3. D - L’individualisation du choix : la Semaine deuxième ressemble aux Étapes 4 et 5 : partir de l’image de moi pour arriver à un idéal du moi, à un projet de vie acceptable ; faire ce choix sur la base de mes caractéristiques personnelles, dans mes limites, un choix que quelqu’un d’autre ne peut faire à ma place. Que faire avec l’abstinence ? Et aussi avant l’abstinence : « On ne peut pas devenir abstinent à ta place. » « Il y a une chose que je suis seul à pouvoir faire, et cette chose, je ne peux la faire seul. »
Cette idée d’une construction du moi par le moi se retrouve dans plusieurs types d’aide psychologique au 20ème s. : insistance sur l’action particulière de chaque aspirant pour se connaître avant de vouloir agir. Non directivité.
4 - UNE RESSEMBLANCE SPIRITUELLE
4. A - LA DEMANDE
A côté de ces ressemblances de méthode, y a-t-il un esprit commun ? Oui : L’acte de demander de l’aide reste le plus important de mon rétablissement.
Saint Ignace répète au retraitant : « Demande ce que tu veux. » Formule conforme à la tradition chrétienne en tout temps. C’est par exemple un corollaire d’une prière d’Augustin : Da quod jubes, jube quod vis : "Donne ce que tu ordonnes, ordonne ce que tu veux. » (Confessions Livre 10) Si je peux demander la grâce, c’est que Dieu peut la donner.
C’est-à-dire : Ce que tu dois vouloir (qui est la connaissance intime de Jésus) tu as à le demander, tu ne peux que le demander. C’est exactement ce qui se passe pour ma croissance personnelle en AA ; l’action de demander est formelle dans les Étapes cinq et onze. Je suis seul à pouvoir le faire et ne peux le faire qu’en demandant.
4. B - L’OBSESSION OU LE MYSTÈRE DE LA GRÂCE DE DIEU CHEZ BILL
De même que parfois nous avons l’impression d’avoir vaincu l’alcool sans aide, de même, le chrétien peut être tenté de croire que, pour pouvoir mériter son salut, ce salut ne doit dépendre que de la volonté propre de l’homme. La vision de la théologie chrétienne (ou spécialement augustinienne), adoptée par Ignace, fait dépendre ma vertu de la grâce divine ; chez AA, ma reconstruction dépend de la « grâce de Dieu » (formule que notre petit livre 12-12 de 200 à 300 pages mentionne 26 fois…). Mon rétablissement, selon cette vision, c’est la grâce de Dieu.
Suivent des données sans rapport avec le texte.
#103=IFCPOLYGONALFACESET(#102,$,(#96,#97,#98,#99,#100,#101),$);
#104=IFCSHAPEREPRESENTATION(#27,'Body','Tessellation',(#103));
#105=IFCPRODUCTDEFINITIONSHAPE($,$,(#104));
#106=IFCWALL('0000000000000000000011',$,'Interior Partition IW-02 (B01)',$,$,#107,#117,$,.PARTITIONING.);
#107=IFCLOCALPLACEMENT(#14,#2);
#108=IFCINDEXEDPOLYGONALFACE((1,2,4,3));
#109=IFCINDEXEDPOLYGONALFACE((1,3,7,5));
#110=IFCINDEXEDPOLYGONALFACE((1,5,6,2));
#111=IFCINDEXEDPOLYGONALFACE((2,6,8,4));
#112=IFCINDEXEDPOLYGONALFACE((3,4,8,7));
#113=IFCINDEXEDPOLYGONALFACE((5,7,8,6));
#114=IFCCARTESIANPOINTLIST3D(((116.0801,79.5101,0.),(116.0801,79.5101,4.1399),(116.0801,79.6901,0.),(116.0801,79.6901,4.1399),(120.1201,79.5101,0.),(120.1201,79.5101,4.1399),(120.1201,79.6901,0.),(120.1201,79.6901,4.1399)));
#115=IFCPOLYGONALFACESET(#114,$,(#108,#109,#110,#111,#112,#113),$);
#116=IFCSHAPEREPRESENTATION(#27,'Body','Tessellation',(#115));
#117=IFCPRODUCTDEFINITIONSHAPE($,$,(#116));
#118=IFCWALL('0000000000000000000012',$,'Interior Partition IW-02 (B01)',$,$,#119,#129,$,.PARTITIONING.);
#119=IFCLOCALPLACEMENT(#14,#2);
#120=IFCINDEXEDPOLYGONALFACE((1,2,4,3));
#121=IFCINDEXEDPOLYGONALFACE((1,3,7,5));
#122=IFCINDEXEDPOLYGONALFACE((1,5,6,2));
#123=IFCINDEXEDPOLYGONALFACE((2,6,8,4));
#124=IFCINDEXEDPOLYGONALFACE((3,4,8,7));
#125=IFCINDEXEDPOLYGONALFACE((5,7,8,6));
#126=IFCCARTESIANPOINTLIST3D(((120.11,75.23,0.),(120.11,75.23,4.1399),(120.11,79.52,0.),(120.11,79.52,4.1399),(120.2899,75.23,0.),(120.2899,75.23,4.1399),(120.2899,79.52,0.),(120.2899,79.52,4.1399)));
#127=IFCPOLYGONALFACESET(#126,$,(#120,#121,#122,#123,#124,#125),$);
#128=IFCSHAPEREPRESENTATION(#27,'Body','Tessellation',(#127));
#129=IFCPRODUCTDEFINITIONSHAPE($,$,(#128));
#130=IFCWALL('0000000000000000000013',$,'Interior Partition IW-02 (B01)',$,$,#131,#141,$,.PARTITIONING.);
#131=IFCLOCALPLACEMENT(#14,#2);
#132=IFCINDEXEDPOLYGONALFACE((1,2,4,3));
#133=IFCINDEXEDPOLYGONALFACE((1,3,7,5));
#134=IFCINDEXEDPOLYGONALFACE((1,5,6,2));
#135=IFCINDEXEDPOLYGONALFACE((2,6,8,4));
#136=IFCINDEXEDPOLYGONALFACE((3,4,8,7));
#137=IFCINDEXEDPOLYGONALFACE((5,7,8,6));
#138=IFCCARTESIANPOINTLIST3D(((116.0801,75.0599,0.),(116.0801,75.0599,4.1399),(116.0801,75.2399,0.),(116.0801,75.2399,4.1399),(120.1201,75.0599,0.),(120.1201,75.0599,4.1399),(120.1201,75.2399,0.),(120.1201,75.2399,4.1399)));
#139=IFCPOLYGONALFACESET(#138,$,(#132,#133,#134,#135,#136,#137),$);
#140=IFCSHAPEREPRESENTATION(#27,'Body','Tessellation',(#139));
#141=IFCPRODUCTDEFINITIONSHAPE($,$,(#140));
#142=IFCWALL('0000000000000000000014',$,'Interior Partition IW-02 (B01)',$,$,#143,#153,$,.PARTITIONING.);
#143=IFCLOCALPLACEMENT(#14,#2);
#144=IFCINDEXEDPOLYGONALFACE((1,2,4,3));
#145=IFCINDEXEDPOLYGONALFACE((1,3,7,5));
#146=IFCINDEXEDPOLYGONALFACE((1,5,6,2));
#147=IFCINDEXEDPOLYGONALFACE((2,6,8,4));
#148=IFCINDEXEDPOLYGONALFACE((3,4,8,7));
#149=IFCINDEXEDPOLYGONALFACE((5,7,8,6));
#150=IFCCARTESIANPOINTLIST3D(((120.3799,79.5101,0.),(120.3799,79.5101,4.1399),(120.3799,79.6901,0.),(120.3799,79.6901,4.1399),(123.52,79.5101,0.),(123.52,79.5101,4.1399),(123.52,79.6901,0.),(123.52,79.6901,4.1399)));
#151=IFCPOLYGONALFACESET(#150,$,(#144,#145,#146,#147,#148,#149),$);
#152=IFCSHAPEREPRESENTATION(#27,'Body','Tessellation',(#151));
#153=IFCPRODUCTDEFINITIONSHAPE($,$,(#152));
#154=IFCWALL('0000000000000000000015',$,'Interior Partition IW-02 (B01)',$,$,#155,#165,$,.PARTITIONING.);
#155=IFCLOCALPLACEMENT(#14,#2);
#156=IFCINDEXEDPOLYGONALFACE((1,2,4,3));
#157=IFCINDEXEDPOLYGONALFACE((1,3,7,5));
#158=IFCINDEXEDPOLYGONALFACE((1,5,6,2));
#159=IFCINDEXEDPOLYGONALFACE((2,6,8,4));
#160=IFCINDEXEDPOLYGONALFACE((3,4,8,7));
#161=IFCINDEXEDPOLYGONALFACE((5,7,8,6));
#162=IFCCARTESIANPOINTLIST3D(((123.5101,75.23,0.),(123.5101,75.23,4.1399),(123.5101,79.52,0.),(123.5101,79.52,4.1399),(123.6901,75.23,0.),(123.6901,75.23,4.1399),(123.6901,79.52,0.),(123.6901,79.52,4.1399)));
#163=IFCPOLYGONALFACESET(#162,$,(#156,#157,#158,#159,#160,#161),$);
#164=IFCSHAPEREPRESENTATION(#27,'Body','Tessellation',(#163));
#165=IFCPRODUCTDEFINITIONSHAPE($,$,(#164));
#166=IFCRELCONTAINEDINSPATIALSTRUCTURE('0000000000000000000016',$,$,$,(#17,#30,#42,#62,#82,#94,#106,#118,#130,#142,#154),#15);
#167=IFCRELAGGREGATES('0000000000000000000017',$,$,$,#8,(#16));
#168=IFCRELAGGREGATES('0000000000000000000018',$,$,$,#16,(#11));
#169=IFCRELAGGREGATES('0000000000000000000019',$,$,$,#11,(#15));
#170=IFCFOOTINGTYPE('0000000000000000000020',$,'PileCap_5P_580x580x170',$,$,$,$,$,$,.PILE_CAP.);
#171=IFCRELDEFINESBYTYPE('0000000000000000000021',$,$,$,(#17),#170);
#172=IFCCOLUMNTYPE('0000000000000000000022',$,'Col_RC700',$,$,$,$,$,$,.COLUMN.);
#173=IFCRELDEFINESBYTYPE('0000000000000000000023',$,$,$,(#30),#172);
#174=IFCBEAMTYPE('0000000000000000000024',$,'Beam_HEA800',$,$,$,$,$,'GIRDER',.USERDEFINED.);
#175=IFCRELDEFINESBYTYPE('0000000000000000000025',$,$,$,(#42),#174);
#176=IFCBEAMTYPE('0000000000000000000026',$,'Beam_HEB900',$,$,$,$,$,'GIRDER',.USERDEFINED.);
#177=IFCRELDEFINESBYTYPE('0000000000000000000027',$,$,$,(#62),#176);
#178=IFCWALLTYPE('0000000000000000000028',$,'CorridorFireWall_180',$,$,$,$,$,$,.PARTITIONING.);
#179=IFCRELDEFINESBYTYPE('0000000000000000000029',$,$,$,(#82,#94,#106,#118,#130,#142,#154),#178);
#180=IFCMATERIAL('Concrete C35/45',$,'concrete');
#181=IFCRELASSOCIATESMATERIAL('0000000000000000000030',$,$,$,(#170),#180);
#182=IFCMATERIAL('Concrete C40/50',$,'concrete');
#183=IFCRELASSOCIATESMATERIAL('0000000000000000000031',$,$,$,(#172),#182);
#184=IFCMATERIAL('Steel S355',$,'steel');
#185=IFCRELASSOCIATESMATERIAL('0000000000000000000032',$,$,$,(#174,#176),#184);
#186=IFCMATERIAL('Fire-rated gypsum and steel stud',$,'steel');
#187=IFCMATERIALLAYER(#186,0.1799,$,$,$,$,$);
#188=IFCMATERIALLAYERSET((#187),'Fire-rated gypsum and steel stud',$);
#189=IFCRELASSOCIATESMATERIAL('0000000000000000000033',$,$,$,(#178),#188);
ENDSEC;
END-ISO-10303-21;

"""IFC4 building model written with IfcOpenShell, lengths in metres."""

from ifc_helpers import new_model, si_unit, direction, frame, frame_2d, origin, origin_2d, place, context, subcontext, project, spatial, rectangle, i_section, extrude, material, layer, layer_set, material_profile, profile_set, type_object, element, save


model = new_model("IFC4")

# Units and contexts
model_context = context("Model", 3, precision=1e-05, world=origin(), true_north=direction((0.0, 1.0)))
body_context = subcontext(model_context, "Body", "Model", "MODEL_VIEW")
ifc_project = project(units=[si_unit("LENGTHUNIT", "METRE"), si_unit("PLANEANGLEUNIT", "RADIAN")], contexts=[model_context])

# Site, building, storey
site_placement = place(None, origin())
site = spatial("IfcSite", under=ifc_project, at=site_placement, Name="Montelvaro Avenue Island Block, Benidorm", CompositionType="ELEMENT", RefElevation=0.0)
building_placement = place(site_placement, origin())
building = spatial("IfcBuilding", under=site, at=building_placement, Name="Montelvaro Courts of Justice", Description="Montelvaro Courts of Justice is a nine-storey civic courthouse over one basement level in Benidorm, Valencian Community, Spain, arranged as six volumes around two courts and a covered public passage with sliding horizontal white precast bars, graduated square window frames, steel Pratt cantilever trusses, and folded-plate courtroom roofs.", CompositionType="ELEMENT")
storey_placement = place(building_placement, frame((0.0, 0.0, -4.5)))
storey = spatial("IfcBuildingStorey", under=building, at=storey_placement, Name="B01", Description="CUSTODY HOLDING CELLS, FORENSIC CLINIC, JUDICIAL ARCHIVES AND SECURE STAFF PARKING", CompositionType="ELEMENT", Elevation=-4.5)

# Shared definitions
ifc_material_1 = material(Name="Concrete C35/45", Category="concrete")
4. C - CHRISTIANISME ET PLURALISME CHEZ AA
Cette comparaison sommaire identifie le programme AA à certains éléments du christianisme. Est-ce pour cette raison que les publications AA n’ont jamais présenté une telle comparaison ? Alors qu’elle s’impose, au vu des affirmations répétées de Bill, qui se délecte à rappeler l’opinion d’Edward Dowling sur notre programme de Douze Etapes. Alors qu’elle est facile à faire, comme le prouve le petit schéma ci-dessus.
En effet, dès 1939, les précautions de langage du livre Les AA permettaient aux membres d’employer le programme à leur mode, sans nécessairement aller dans le sens chrétien : si Dieu est la table des AA, la grâce de Dieu serait cette force impalpable que j’ai reçue à ma première réunion, force qui m’a conduit à ma deuxième réunion… et encore aujourd’hui, à chaque réunion, une même force me fait aller à la réunion suivante.
Ainsi, Bill fait dire au médecin qui a examiné le phénomène AA : « Nous constatons chez les AA la présence d’une force sans cesse agissante, mais que nous ne pouvons comprendre. Nous l’appelons le facteur X. Vous l’appelez Dieu. » (Le mouvement des AA devient adulte, 1957, ch. 1, traduct. fr. 1983 p. 56 l. 2/bas-57 l. 1 ; Nouvelle version : p. 47 § 1.s)
Le résultat est que les interprétations sont libres, que les réunions ne sont pas chrétiennes, mais pluralistes, même si le message avec son programme est marqué par le christianisme. Les réunions forment à leur tour un message, qui est pluraliste.